Saturday, May 19, 2012

What doesn't kill you

I've been thinking a lot about illness and loss, suffering and grief lately. About the patent unfairness of it all.  About how it seems like some people are just handed more, without rhyme or reason.

Almost as if there is some cosmic game of roulette that we are all playing, spinning around in the obliviousness and naivete of life until the spinning stops and the pointer is staring us down. Until reality comes crashing down on us.

After I wrote the post yesterday about the lessons I've taken away from my experiences with cancer (and really, any major illness for that matter), I got to thinking more about it.

About the lessons that aren't really positive or negative. The ones that just are.

My brother has a saying that he repeats and repeats and repeats. It used to drive me a little insane, but I can see the glaring truth in it now. I forget sometimes that as hard as my father's illness was for me, I was a thousand miles away through most of it. He was there for all the days, not just the ones that urged my presence. His phrase?

It is what it is.

And it is.

There are so many things in this life that we have a limited ability to change, many that we can't do anything about at all. Sure, we can certainly decide how we react to the things that happen, but we are more often than not powerless about the course of events.

Cancer teaches you things like that.

It doesn't matter what you want, or how badly you want it sometimes. It just is what it is.

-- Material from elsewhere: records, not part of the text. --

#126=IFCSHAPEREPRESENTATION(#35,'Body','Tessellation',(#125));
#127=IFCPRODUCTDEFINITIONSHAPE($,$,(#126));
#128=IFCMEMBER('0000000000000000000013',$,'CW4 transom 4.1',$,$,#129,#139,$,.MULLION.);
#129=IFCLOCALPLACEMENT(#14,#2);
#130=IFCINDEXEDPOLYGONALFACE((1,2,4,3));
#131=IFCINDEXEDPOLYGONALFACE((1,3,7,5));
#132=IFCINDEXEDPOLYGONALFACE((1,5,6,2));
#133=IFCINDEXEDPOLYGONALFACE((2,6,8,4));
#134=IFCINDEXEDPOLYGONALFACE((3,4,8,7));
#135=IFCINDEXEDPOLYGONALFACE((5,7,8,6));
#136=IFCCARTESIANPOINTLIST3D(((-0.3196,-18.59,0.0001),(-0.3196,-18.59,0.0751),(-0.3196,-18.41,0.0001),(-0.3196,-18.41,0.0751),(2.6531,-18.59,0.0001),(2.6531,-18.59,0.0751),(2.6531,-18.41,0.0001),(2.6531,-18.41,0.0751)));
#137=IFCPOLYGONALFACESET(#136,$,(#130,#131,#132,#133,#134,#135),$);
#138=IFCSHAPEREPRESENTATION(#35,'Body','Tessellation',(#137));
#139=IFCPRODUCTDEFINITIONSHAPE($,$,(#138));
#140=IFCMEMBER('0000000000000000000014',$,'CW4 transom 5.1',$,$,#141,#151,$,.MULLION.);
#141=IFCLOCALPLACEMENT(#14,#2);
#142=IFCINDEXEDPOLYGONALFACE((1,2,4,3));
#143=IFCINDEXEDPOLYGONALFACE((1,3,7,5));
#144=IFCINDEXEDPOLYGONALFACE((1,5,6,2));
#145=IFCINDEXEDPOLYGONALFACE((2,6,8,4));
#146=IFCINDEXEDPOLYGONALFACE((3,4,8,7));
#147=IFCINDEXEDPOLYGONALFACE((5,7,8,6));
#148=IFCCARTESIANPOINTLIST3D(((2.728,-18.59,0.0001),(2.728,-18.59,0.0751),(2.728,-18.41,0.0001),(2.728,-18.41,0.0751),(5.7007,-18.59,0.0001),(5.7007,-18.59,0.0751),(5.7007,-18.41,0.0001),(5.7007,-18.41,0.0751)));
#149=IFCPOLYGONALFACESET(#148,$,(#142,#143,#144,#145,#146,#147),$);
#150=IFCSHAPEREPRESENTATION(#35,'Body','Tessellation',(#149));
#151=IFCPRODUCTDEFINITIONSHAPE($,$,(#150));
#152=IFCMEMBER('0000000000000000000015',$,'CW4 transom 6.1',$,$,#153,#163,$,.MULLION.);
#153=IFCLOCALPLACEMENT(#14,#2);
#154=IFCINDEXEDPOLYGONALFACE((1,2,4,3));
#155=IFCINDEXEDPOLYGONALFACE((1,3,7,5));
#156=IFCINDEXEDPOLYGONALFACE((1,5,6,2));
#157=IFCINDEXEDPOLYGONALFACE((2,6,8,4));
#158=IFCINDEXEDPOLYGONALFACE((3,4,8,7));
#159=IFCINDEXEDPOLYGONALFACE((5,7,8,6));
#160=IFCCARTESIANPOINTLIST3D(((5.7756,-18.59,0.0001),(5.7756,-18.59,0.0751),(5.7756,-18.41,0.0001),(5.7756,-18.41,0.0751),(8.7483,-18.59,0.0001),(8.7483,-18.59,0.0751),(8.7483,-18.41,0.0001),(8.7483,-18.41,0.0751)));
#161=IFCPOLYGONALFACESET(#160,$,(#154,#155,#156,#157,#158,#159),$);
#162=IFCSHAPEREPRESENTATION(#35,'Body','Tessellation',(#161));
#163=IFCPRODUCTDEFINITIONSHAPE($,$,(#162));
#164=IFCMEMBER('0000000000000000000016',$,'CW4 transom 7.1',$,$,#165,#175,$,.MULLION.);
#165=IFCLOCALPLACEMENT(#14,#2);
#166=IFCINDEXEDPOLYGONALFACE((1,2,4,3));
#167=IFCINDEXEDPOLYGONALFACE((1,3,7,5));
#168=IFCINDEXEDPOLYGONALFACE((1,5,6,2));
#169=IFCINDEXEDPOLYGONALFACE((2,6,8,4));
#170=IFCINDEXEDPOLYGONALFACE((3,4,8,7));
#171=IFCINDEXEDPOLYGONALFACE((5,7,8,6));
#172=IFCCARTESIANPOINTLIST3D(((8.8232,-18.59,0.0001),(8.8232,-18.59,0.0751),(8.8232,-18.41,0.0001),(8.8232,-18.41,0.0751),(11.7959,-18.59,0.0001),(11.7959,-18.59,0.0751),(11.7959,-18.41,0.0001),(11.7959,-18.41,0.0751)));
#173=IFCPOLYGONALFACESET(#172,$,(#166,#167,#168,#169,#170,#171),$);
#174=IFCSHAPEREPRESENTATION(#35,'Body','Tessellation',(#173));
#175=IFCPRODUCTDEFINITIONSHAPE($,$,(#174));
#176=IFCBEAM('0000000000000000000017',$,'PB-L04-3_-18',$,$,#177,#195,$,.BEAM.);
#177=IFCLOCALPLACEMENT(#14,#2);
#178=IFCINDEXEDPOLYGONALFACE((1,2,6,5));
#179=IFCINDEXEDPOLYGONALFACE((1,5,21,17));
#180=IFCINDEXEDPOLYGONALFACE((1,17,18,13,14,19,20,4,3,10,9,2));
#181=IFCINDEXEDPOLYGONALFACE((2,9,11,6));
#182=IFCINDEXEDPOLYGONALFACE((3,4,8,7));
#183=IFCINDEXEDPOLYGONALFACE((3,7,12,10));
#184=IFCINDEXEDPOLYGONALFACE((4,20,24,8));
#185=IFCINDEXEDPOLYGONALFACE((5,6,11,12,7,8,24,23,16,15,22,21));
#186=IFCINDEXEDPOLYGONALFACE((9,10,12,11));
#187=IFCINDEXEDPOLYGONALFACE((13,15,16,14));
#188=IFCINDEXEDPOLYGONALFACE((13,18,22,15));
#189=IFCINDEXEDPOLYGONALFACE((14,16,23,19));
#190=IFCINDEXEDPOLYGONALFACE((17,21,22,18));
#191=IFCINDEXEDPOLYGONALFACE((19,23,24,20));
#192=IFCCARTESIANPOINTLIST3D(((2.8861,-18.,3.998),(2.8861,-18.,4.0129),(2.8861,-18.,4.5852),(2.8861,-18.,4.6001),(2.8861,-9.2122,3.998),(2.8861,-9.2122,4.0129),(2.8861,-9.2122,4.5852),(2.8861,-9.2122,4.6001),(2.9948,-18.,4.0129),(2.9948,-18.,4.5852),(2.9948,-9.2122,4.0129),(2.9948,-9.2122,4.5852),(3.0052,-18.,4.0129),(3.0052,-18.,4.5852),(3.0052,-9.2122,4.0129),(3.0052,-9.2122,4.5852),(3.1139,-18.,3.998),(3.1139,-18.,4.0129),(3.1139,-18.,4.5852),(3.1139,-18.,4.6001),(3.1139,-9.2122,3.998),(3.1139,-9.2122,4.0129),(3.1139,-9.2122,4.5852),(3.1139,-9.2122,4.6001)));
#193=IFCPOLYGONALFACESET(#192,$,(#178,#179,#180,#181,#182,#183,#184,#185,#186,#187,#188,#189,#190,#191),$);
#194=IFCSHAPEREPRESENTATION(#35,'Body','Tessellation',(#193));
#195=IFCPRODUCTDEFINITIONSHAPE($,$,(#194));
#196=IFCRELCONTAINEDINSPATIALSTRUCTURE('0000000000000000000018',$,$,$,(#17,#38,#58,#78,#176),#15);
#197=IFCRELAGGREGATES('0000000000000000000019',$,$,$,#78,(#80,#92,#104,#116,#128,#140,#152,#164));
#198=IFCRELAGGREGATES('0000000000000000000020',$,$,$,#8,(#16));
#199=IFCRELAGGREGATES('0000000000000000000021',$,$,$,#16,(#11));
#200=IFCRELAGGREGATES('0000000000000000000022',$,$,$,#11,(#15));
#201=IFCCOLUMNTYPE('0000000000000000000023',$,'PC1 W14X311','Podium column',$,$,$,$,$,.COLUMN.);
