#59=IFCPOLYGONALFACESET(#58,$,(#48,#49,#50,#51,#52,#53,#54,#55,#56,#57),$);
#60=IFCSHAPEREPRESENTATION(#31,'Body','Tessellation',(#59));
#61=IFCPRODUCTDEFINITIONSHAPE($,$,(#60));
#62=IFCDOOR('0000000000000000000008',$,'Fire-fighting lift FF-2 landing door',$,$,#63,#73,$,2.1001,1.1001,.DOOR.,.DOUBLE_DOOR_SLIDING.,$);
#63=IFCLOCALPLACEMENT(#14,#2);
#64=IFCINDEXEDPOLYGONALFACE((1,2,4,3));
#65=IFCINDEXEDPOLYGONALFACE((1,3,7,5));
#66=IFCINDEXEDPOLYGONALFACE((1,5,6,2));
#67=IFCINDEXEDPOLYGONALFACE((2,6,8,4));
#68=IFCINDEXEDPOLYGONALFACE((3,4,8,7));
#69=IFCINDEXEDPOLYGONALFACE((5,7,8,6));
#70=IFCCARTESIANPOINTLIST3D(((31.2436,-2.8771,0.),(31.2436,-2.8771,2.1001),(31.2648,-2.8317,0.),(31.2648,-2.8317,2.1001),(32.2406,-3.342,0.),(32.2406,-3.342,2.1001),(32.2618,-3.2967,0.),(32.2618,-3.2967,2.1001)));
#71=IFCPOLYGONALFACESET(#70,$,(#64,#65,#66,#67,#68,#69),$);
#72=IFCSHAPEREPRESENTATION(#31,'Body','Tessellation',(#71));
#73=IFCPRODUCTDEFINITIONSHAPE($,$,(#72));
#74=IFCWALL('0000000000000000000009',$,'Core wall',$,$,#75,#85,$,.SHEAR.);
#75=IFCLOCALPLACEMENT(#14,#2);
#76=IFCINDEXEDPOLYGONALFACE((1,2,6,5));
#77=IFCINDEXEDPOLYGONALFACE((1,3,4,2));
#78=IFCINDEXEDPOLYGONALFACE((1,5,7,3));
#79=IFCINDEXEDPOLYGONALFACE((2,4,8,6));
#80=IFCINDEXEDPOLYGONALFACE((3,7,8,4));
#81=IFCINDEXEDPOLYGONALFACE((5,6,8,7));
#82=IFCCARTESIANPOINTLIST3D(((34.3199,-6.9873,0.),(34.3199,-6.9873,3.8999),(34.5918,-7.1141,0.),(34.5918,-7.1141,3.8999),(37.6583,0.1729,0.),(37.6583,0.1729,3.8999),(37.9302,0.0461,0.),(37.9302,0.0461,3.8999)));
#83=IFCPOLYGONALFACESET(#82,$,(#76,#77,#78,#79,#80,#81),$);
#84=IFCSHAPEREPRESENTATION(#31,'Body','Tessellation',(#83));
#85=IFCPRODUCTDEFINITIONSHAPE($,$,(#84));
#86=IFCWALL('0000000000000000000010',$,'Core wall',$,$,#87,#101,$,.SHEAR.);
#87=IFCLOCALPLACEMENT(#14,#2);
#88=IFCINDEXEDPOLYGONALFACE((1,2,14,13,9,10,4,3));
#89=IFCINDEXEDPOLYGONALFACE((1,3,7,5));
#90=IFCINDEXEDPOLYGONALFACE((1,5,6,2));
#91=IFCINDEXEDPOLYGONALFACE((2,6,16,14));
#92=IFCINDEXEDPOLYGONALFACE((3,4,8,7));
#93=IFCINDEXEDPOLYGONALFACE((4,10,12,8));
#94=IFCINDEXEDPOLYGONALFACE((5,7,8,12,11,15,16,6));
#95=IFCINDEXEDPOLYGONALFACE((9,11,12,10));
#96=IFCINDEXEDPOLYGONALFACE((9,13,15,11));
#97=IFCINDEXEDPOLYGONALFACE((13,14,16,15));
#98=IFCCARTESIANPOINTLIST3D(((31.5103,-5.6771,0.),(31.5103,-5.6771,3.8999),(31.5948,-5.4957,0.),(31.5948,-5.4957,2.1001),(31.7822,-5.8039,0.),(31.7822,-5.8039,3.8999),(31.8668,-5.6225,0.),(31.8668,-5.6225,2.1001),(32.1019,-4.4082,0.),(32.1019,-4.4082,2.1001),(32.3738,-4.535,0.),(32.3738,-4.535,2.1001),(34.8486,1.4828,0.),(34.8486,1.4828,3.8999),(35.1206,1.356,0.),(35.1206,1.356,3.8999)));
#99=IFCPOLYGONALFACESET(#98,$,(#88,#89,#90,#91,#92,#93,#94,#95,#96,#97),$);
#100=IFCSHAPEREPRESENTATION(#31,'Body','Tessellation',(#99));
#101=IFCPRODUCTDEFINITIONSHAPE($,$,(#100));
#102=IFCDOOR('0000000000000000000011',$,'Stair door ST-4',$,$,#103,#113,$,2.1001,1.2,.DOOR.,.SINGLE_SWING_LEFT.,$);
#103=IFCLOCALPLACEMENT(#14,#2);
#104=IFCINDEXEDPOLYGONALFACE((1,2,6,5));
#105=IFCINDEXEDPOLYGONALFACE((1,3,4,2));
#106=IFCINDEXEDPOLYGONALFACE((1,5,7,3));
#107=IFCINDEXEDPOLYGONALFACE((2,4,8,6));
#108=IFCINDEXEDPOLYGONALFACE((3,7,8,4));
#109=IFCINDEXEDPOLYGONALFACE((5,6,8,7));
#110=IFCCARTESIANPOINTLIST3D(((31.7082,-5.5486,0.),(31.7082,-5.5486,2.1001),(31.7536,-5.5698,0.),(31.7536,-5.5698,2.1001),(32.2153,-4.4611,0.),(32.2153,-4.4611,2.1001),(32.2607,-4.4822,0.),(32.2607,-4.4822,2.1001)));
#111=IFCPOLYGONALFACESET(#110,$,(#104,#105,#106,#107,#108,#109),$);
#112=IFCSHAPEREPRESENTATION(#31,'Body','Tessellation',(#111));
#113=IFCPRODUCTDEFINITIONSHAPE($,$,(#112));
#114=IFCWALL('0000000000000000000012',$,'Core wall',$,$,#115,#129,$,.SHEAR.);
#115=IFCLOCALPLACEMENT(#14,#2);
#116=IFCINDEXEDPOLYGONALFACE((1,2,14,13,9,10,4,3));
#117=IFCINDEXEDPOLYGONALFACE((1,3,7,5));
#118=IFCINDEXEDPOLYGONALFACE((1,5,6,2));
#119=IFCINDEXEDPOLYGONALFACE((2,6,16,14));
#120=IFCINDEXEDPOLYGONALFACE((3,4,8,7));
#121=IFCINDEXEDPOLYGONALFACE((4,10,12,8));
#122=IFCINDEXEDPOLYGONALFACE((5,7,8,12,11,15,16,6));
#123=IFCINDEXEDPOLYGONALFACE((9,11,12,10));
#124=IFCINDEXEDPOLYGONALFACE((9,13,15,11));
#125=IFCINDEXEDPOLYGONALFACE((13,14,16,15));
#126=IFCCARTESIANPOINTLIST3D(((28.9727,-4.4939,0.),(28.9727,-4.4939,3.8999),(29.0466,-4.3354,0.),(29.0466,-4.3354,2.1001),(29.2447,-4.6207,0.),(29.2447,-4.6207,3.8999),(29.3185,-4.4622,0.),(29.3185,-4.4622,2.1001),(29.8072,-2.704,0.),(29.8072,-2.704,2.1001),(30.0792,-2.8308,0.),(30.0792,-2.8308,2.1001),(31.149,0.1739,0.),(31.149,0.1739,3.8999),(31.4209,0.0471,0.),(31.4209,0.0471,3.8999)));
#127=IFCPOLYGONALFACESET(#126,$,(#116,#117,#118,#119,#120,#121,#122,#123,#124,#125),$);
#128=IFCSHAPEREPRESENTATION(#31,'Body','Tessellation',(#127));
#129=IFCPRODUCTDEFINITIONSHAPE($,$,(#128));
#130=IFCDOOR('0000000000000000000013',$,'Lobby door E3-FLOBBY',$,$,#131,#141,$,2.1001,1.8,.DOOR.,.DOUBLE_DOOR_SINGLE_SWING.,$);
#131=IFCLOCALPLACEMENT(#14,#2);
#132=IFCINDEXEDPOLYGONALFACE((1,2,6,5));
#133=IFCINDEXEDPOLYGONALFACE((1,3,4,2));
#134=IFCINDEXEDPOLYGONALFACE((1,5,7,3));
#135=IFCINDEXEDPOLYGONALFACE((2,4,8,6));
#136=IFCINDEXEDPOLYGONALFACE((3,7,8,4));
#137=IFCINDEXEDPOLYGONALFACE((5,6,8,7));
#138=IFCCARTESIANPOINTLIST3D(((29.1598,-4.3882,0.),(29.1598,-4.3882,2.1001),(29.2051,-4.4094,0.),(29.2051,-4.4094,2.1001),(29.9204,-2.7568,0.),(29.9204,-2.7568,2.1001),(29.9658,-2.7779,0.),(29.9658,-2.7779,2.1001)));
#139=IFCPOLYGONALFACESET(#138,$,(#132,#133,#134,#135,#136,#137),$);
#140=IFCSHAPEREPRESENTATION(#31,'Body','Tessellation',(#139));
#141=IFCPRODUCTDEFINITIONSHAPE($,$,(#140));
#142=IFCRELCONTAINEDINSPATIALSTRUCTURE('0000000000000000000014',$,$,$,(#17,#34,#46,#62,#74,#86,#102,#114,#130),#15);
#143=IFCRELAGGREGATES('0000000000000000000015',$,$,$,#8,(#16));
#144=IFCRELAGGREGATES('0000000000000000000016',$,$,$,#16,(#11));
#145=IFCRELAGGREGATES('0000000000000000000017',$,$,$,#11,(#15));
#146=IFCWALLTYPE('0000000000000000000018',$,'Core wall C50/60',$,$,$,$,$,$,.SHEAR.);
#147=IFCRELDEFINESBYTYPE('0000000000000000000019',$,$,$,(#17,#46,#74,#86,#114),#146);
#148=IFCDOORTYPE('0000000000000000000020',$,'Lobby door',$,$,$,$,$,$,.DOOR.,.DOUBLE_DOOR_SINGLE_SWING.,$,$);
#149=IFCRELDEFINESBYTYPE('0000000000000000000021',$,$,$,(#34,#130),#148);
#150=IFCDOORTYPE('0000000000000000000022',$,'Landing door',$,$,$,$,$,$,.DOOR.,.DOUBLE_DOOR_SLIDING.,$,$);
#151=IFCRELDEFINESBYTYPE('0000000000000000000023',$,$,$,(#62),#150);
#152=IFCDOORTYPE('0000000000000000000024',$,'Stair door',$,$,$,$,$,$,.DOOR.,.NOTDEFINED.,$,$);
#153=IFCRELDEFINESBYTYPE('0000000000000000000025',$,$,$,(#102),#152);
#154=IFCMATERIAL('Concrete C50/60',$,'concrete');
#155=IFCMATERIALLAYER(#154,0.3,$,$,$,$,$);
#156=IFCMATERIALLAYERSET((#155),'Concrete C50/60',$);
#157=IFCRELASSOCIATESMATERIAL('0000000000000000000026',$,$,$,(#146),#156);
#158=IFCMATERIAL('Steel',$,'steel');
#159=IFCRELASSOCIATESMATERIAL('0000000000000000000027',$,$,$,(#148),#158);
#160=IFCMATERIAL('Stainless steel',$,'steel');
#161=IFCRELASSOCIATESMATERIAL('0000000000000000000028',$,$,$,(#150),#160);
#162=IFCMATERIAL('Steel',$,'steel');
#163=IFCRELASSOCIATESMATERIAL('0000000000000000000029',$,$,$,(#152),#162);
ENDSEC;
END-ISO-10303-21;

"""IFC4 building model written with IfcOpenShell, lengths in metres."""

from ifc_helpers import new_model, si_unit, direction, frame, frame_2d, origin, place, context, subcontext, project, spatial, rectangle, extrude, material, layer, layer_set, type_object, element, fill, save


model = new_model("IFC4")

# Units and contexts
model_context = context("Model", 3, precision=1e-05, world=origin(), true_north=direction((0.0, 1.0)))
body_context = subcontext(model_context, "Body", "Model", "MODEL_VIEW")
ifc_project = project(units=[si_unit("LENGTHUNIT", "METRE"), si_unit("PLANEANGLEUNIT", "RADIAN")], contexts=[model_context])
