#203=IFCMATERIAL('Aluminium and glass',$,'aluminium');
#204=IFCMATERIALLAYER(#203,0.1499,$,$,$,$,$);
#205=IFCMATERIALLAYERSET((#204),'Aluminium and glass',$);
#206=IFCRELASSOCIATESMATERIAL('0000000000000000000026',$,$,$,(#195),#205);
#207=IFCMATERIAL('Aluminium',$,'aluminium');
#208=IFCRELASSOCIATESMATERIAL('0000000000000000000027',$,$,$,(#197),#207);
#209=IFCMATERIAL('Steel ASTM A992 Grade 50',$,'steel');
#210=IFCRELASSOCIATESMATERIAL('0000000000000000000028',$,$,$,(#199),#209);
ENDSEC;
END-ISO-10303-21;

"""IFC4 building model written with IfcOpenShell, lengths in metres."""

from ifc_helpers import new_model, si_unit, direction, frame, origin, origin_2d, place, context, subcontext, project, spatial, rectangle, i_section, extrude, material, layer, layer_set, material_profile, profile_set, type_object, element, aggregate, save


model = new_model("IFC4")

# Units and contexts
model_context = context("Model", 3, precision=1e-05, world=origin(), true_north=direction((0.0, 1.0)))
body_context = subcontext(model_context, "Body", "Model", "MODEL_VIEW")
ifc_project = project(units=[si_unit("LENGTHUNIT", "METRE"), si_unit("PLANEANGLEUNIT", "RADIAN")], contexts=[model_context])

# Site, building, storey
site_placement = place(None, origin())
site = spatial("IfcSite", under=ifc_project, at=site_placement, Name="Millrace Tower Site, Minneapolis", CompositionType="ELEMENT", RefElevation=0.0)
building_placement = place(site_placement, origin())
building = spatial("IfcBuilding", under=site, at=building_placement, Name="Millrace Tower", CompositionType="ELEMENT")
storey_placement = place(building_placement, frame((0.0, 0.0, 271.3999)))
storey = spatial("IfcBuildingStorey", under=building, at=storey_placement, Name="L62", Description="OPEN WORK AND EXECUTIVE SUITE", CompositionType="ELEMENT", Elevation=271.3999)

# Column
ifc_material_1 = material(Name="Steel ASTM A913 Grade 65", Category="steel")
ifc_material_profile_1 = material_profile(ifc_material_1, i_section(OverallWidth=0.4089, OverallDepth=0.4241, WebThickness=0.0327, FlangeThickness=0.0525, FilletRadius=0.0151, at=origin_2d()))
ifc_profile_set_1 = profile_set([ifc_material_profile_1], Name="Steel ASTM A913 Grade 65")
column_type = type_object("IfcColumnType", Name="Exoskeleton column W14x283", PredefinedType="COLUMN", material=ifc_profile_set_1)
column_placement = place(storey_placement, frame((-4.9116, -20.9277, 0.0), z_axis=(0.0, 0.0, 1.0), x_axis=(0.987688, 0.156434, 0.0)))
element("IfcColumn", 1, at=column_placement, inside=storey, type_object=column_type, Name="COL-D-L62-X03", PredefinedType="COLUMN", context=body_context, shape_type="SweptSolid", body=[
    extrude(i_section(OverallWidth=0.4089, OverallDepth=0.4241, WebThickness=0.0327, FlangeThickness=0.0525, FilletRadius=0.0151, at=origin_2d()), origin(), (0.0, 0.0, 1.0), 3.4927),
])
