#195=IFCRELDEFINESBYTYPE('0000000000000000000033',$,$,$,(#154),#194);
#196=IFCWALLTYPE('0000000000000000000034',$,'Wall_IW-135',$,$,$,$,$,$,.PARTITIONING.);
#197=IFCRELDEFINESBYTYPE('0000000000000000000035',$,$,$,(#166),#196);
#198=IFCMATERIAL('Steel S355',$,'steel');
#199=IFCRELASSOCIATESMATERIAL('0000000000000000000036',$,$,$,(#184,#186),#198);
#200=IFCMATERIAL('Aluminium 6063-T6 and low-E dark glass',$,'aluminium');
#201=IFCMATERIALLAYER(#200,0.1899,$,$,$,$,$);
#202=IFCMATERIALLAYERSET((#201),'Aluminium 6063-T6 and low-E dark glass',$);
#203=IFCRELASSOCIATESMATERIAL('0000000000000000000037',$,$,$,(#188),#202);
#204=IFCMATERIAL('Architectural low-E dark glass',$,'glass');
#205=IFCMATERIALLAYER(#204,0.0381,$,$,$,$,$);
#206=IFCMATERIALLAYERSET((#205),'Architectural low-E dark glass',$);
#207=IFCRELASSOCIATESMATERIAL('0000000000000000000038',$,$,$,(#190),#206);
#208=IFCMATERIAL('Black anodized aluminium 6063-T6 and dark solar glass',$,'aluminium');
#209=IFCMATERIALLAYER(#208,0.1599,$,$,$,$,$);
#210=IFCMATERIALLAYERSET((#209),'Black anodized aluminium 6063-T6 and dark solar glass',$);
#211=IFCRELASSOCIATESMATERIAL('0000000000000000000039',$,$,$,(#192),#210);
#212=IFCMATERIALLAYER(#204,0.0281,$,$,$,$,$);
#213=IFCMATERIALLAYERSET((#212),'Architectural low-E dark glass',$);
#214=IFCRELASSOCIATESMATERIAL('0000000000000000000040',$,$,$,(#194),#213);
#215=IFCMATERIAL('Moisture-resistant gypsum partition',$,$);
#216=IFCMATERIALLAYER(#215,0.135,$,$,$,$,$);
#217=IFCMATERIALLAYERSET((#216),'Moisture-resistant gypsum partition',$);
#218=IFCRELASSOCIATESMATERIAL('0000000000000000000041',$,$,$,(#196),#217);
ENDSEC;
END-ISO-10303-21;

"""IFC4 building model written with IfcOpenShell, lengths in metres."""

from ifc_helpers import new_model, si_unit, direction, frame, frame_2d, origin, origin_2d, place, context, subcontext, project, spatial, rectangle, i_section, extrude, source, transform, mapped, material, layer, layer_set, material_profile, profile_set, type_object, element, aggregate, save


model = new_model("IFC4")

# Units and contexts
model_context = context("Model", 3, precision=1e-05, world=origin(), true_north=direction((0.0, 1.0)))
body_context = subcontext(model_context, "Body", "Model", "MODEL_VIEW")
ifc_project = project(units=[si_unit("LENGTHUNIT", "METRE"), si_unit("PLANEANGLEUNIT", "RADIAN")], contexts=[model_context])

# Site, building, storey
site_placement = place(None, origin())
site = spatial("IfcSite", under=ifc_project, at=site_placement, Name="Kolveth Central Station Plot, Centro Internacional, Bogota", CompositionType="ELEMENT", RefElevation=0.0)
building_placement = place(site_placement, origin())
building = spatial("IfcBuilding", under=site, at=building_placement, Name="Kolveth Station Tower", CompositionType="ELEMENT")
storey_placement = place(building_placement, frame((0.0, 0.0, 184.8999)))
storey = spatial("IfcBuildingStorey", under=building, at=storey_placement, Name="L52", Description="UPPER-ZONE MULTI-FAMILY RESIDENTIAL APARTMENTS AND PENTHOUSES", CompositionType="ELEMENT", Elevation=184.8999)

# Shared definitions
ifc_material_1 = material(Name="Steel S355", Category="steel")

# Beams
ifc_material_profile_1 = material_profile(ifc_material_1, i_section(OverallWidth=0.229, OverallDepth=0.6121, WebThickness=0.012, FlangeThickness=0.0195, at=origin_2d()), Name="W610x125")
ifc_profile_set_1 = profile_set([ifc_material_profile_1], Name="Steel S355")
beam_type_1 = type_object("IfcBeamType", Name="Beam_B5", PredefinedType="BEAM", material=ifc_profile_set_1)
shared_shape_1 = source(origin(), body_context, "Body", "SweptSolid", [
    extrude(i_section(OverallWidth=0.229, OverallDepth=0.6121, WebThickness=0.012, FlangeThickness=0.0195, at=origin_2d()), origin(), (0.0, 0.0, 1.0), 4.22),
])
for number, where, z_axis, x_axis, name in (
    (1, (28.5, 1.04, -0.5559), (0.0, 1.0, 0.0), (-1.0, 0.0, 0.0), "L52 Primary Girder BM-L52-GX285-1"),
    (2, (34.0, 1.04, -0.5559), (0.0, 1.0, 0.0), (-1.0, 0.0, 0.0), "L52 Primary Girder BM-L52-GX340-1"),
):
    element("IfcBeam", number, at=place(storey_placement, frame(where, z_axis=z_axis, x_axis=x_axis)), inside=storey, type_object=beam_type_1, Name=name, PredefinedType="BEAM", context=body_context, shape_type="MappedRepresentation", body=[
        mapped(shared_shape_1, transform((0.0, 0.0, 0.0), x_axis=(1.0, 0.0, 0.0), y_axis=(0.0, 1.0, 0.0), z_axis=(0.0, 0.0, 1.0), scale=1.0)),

I was talking with a friend now walking this road yesterday. I try the best I can to help her, even if the most helpful thing I can say sometimes is that I understand.

One of the things that I understand, and that she does now too, is that there is a fundamental difference between being a pessimist and a realist.

The pessimist assumes things will go badly, the realist knows that no matter what you wish for, things may very well go badly regardless. The realist knows that you have to anticipate and make plans for that truth as much as you can.  You have to be prepared.

People who've never had to deal with it don't understand, and I would never expect them to. They are still spinning in the land of obliviousness and naivete. They can be so quickly dismissive of the reality lived by those actually in it.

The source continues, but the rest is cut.